Da beim Karpfenangeln die Schnur immer unter Spannung ist, gibt es keine Verluste, wenn ohne Widerhaken gefischt wird. Habe so schon sehr viele Karpfen gefangen. Selbst das Blei übt genügend Druck aus, dass der Haken nicht aus dem Maul fallen kann, liegt der Karpfen im Kescher und der Zug des Bleis fällt weg, fällt der Haken fast von alleine aus dem Fischmaul.


----------



## Gunnar. (7. August 2011)

*AW: Fisch abgerissen...Jetzt schlechts Gewissen*

Moin moin,

Ohne Widerhaken?? Generell kein Problem! Aber auch kein Allheilmittel.

Nur das beim Fallbiss bzw. beim Bleiverlust die Fische leichter verloren gehen könnten.


----------



## Alpinestars (7. August 2011)

*AW: Fisch abgerissen...Jetzt schlechts Gewissen*

Also den Einwand das man ohne Wiederhaken fischen soll finde ich erlichgesagt echt gut, wie es jetzt bei einem Fallbiss aussieht und ob das Blei als Gewicht ausreicht müsste ich selber mal austesten, aber ein paar Versuche wäre es wert da würde ich ja selber sehn wie es ist.


----------



## Gunnar. (7. August 2011)

*AW: Fisch abgerissen...Jetzt schlechts Gewissen*

Rein sicherheitshalber der Hinweis ( hier lesen  auch Neueinsteiger mit)

- nur Montagen verwenden bei denen zB. bei Schnurbruch das Blei abgestreift werden kann. Dann ist die Aussicht groß das der Fisch den (ohne Wiederhaken) Haken leichter verlieren kann.


----------



## Alpinestars (7. August 2011)

*AW: Fisch abgerissen...Jetzt schlechts Gewissen*

Das nach dem Blei nichts mehr kommen darf was das Blei behindern könnte kann man nicht oft genug sagen, es gibt genug leute die z.B ihr Leadcore mit einem Wirbel an der Hauptschnur verbinden.


----------



## Gunnar. (7. August 2011)

*AW: Fisch abgerissen...Jetzt schlechts Gewissen*

Und das am besten in Verbindung mit Inlinebleien.


----------



## u-see fischer (7. August 2011)

*AW: Fisch abgerissen...Jetzt schlechts Gewissen*



Gunnar. schrieb:


> Moin moin,
> 
> Ohne Widerhaken?? Generell kein Problem!
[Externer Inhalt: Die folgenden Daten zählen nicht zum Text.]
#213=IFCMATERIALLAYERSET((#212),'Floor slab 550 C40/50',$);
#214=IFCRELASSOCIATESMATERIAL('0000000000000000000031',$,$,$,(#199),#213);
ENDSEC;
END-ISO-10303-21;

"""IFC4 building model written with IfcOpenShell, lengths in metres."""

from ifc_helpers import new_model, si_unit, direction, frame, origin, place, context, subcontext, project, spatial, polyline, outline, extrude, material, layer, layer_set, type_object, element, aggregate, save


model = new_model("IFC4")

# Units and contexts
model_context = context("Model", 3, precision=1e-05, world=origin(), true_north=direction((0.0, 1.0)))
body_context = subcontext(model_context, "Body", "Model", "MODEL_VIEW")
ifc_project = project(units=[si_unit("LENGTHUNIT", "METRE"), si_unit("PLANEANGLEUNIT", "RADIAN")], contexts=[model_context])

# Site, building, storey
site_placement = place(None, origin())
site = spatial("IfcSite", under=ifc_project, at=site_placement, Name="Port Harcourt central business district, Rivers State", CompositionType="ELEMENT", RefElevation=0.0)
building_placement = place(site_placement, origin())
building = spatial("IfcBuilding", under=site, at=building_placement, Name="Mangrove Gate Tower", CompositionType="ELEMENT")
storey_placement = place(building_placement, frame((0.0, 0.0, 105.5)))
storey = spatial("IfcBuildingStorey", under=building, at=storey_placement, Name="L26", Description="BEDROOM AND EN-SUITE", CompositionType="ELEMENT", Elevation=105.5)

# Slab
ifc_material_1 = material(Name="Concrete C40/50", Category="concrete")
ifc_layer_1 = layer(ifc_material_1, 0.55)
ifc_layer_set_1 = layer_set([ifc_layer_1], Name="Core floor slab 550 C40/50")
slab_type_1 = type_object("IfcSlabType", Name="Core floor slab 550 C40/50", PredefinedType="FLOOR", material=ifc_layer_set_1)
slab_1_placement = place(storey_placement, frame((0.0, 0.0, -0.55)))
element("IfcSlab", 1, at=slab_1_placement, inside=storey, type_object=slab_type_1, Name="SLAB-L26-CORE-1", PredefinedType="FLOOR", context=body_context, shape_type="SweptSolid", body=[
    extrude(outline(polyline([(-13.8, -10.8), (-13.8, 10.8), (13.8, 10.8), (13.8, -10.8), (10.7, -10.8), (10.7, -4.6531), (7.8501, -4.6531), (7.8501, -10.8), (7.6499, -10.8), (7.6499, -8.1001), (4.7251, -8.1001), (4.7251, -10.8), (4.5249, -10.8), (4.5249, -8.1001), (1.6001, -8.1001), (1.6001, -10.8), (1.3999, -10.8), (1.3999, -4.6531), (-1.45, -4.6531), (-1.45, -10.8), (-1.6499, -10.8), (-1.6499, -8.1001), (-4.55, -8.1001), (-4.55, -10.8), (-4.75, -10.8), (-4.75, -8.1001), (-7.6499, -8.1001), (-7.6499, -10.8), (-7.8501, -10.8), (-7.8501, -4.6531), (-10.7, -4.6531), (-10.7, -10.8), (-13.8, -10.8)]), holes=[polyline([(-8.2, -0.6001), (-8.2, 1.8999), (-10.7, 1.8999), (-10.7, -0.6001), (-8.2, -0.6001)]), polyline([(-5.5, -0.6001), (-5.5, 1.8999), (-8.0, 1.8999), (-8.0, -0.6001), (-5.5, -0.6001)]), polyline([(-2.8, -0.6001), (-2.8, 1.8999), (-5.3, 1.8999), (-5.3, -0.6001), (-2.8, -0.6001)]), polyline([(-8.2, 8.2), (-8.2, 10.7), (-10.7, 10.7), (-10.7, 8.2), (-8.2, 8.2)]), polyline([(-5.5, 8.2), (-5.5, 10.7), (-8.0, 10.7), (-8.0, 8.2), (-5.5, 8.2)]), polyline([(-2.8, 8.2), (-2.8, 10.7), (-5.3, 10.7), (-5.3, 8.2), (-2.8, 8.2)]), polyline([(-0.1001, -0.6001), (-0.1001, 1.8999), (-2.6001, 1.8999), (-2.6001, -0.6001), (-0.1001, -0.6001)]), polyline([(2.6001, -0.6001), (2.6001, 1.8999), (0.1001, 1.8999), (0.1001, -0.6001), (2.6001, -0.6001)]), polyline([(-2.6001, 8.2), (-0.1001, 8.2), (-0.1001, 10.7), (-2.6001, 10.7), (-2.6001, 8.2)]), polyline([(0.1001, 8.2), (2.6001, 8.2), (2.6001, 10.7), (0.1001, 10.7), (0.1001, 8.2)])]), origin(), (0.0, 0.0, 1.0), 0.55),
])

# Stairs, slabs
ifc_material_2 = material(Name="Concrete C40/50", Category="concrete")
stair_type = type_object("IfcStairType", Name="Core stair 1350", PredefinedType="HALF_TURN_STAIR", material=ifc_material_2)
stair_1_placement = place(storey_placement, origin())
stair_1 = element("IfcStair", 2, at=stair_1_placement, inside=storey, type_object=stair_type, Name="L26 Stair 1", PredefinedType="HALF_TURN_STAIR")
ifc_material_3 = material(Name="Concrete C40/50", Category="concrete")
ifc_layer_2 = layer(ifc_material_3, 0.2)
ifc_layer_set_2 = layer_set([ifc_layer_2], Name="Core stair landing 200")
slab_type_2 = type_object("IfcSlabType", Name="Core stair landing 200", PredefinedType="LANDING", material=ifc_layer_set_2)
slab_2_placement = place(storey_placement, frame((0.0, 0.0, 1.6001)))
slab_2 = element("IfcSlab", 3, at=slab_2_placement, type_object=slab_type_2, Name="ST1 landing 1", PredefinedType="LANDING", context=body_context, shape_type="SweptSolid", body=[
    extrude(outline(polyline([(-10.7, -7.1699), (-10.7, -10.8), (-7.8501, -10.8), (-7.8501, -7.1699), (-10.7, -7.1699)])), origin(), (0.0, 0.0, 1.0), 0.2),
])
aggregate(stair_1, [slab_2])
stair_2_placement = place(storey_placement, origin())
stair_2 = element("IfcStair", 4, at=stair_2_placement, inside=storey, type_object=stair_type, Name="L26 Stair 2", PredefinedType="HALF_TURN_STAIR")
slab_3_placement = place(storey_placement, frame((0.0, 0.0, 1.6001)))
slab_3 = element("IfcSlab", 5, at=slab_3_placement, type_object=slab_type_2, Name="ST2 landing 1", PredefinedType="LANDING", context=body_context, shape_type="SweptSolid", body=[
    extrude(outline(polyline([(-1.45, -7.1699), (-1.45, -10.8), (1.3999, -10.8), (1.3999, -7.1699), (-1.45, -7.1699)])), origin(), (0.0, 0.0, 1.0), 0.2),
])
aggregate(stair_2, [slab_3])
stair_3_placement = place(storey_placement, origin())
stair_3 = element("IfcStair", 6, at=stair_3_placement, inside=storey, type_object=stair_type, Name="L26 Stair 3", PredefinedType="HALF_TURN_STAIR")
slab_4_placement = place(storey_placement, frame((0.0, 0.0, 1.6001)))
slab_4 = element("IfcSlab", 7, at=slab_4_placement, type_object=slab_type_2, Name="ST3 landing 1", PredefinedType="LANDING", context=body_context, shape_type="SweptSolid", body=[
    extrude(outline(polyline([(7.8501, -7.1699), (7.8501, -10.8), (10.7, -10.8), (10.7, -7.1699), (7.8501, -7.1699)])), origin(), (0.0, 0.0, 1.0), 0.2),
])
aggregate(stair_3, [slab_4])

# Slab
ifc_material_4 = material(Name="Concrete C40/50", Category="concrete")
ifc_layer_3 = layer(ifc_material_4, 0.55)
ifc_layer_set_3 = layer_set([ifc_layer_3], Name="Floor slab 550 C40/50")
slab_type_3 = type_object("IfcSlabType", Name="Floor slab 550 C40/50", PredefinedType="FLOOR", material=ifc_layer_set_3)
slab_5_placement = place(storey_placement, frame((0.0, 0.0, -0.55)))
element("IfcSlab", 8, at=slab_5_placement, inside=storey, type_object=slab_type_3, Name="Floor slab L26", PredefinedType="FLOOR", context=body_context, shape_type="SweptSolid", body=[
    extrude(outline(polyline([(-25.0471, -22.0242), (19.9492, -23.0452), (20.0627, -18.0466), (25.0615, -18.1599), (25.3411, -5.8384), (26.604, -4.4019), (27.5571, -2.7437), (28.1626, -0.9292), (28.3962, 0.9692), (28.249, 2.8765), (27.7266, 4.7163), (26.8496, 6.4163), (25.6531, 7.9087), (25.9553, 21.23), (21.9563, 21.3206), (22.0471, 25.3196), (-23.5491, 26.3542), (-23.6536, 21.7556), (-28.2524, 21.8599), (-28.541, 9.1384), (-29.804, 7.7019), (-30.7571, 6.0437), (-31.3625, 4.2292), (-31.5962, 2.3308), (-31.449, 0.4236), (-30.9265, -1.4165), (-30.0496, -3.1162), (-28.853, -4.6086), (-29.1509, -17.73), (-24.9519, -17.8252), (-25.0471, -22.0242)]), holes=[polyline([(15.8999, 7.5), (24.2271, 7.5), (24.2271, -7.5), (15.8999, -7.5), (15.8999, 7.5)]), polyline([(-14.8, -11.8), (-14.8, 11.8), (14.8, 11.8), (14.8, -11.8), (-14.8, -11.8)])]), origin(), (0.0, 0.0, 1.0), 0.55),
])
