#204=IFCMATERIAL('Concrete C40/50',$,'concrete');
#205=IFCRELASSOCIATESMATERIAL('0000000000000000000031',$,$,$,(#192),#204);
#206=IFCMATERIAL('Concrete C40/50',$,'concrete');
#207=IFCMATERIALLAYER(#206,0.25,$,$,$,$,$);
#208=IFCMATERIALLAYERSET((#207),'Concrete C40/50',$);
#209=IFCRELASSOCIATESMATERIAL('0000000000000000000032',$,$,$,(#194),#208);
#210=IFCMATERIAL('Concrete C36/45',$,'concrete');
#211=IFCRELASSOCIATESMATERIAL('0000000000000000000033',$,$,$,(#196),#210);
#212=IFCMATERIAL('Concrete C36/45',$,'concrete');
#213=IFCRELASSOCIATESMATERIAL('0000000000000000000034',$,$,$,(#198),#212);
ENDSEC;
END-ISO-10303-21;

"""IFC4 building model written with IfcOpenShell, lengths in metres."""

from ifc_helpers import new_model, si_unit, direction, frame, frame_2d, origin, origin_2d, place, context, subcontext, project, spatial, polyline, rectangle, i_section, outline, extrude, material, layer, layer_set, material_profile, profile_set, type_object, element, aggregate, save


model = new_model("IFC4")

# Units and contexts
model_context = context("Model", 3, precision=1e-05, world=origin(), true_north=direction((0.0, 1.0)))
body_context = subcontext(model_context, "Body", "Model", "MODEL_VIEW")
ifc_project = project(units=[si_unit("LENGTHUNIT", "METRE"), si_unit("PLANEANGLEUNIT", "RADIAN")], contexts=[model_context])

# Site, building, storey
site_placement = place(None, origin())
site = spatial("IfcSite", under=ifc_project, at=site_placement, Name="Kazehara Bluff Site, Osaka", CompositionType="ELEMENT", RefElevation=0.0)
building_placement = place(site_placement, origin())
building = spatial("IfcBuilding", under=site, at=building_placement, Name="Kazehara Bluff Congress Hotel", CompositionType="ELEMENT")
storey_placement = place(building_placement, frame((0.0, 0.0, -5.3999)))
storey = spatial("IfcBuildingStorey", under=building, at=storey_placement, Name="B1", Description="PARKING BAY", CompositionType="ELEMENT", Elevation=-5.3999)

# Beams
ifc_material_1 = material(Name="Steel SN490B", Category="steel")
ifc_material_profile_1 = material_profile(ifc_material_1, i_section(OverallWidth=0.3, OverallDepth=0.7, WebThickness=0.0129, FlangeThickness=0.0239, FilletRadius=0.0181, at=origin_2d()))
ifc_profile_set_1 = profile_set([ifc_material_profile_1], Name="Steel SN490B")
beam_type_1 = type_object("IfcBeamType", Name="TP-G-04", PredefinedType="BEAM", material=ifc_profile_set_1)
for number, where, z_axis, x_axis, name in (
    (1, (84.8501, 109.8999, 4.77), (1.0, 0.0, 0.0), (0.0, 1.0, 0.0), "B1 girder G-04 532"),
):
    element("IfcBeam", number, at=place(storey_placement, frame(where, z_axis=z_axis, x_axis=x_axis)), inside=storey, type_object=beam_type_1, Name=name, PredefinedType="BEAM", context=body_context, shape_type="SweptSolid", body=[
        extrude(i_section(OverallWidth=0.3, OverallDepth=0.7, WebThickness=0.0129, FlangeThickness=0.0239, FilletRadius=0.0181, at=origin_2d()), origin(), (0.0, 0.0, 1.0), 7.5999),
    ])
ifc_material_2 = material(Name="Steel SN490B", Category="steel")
Aber auch kein Allheilmittel.
> 
> Nur das beim Fallbiss bzw. beim Bleiverlust die Fische leichter verloren gehen könnten.



Bei einem Fallbiss schwimmt der Fisch mit Blei auf den Angler zu, daher ist duch das Blei (größer 50g, meißt um 80g) Zug auf den Haken.

Selbstverständlich ist das fischen ohne Widerhaken keine Garantie dafür, dass der Fisch im Falle eines Schnurbruch keinen Schaden nehmen kann. Durch das Fischen ohne Widerhaken besteht die beste Chance, dass der Fisch den Haken und die daranhängende Schnur schnell verliert.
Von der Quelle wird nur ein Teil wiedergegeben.